Start weight: 220 pounds
Last week: 210
This week: 210
Change: 0
Total loss: 10 pounds
Fair enough.
We watched a marathon session of Channel 4's You Are What You Eat, aka "the poo show." Quack nutritionist "Doctor" Gillian McKeith examines the eyeballs, tongues, fingernails and excrement of fat Brits to diagnose specific vitamin deficiencies. She badgers people about their evil food intake and bullies them into eating aduki beans, quinoa ("keen-wah"), millet (budgie food), and other tasteless food, plus hounds them into exercising. And, inevitably, they end up feeling bright, cheery, horny, happy, and about two stone lighter at the end of the eight-week intensive. As much as I think she's a fraud on several levels, there's no arguing with her success.
Point being, it's hard to sit through three hours of this stuff without feeling like making a change oneself. One episode spotlighted a big lady who drank a ridiculous amount of diet cola. I'm a diet cola apologist. I don't see the big deal. It's calorie-free. Granted, also nutrient-free, but aside from taking in some carbonic acid, what's the problem? Well, Mizz McKeith's voodoo science suggests that the caffeine assaults my adrenal system, leading to a cascading stress response, and blah blah blah don't drink diet cola, you big hump.

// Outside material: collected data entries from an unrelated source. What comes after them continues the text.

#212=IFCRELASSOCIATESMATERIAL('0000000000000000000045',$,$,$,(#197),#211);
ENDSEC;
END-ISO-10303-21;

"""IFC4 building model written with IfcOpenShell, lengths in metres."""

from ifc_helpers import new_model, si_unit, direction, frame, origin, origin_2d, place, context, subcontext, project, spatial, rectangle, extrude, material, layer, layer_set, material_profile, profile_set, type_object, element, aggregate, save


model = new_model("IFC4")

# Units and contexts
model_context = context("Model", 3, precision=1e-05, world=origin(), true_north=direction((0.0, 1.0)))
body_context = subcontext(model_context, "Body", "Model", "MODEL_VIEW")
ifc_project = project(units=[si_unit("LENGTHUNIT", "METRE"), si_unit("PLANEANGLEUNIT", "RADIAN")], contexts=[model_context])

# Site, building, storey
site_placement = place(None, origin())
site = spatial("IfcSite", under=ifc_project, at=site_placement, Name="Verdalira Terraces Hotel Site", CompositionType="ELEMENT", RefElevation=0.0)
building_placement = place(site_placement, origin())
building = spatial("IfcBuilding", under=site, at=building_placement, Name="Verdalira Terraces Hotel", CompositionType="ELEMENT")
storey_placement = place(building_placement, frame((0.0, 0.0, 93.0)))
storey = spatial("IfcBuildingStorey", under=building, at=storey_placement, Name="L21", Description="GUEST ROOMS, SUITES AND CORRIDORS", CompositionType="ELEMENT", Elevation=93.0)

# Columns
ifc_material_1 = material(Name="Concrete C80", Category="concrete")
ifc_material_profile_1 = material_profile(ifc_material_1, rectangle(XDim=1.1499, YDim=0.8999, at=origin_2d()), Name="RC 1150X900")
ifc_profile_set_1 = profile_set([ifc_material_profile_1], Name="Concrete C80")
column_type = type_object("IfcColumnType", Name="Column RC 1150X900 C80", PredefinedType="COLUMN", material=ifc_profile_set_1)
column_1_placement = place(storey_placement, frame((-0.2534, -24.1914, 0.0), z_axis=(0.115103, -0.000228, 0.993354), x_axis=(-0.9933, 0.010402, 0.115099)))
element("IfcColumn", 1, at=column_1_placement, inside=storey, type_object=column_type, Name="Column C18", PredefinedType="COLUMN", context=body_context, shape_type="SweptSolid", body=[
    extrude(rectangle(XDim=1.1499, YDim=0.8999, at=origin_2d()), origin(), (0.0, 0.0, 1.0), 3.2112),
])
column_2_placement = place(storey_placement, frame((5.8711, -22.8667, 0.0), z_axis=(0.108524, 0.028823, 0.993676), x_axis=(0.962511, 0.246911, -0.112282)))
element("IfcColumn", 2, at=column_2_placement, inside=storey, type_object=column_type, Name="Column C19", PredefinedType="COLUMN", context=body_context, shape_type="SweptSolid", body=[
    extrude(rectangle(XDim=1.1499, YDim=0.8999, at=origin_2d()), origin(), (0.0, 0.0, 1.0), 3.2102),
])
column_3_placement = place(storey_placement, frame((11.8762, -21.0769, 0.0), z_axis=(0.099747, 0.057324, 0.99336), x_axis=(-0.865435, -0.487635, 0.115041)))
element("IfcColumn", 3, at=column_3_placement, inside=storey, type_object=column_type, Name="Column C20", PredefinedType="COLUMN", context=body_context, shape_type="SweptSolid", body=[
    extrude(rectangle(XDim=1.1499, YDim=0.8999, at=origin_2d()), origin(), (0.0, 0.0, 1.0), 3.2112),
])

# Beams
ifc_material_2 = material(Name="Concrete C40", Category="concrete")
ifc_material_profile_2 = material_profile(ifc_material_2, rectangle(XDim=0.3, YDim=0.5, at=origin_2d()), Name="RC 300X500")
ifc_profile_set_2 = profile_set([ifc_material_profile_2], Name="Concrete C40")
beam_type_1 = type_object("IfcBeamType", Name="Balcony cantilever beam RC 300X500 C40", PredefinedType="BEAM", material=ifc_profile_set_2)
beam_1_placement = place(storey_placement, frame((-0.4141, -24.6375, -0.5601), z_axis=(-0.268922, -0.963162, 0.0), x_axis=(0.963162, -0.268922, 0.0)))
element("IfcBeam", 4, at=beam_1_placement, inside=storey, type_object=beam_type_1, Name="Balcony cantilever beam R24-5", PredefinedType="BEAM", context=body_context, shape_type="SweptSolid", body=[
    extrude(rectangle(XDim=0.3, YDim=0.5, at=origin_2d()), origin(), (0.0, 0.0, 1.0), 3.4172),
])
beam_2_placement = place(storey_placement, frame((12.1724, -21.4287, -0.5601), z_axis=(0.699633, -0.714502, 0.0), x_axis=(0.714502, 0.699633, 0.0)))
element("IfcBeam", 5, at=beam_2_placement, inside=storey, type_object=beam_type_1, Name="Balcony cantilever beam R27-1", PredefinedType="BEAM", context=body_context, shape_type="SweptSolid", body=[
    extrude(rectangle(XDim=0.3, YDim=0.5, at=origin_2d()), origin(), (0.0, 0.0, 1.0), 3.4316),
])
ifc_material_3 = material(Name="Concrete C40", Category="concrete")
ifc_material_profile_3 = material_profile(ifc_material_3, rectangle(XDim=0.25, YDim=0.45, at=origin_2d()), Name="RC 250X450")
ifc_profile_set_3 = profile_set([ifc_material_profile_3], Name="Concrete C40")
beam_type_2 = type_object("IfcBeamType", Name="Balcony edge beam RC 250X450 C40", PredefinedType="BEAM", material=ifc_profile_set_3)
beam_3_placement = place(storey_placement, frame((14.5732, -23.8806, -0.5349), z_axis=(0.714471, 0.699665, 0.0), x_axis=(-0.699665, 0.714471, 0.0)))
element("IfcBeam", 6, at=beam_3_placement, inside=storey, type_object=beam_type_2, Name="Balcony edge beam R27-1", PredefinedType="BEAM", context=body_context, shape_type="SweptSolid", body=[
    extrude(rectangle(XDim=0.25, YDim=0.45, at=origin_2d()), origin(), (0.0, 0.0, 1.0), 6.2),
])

I considered my own caffeinated beverage consumption. It's not outrageous. Usually a sugar-free energy drink in the morning (Red Bull or an imitator), and a can of Diet Pepsi in the evening. On weekends it might be two, perhaps even three Diet Pepsis. Certainly nothing in the caffeine-addict range, or even approaching what a regular coffee or tea drinker might consume. Even so, I thought it might be interesting to experiment with water instead.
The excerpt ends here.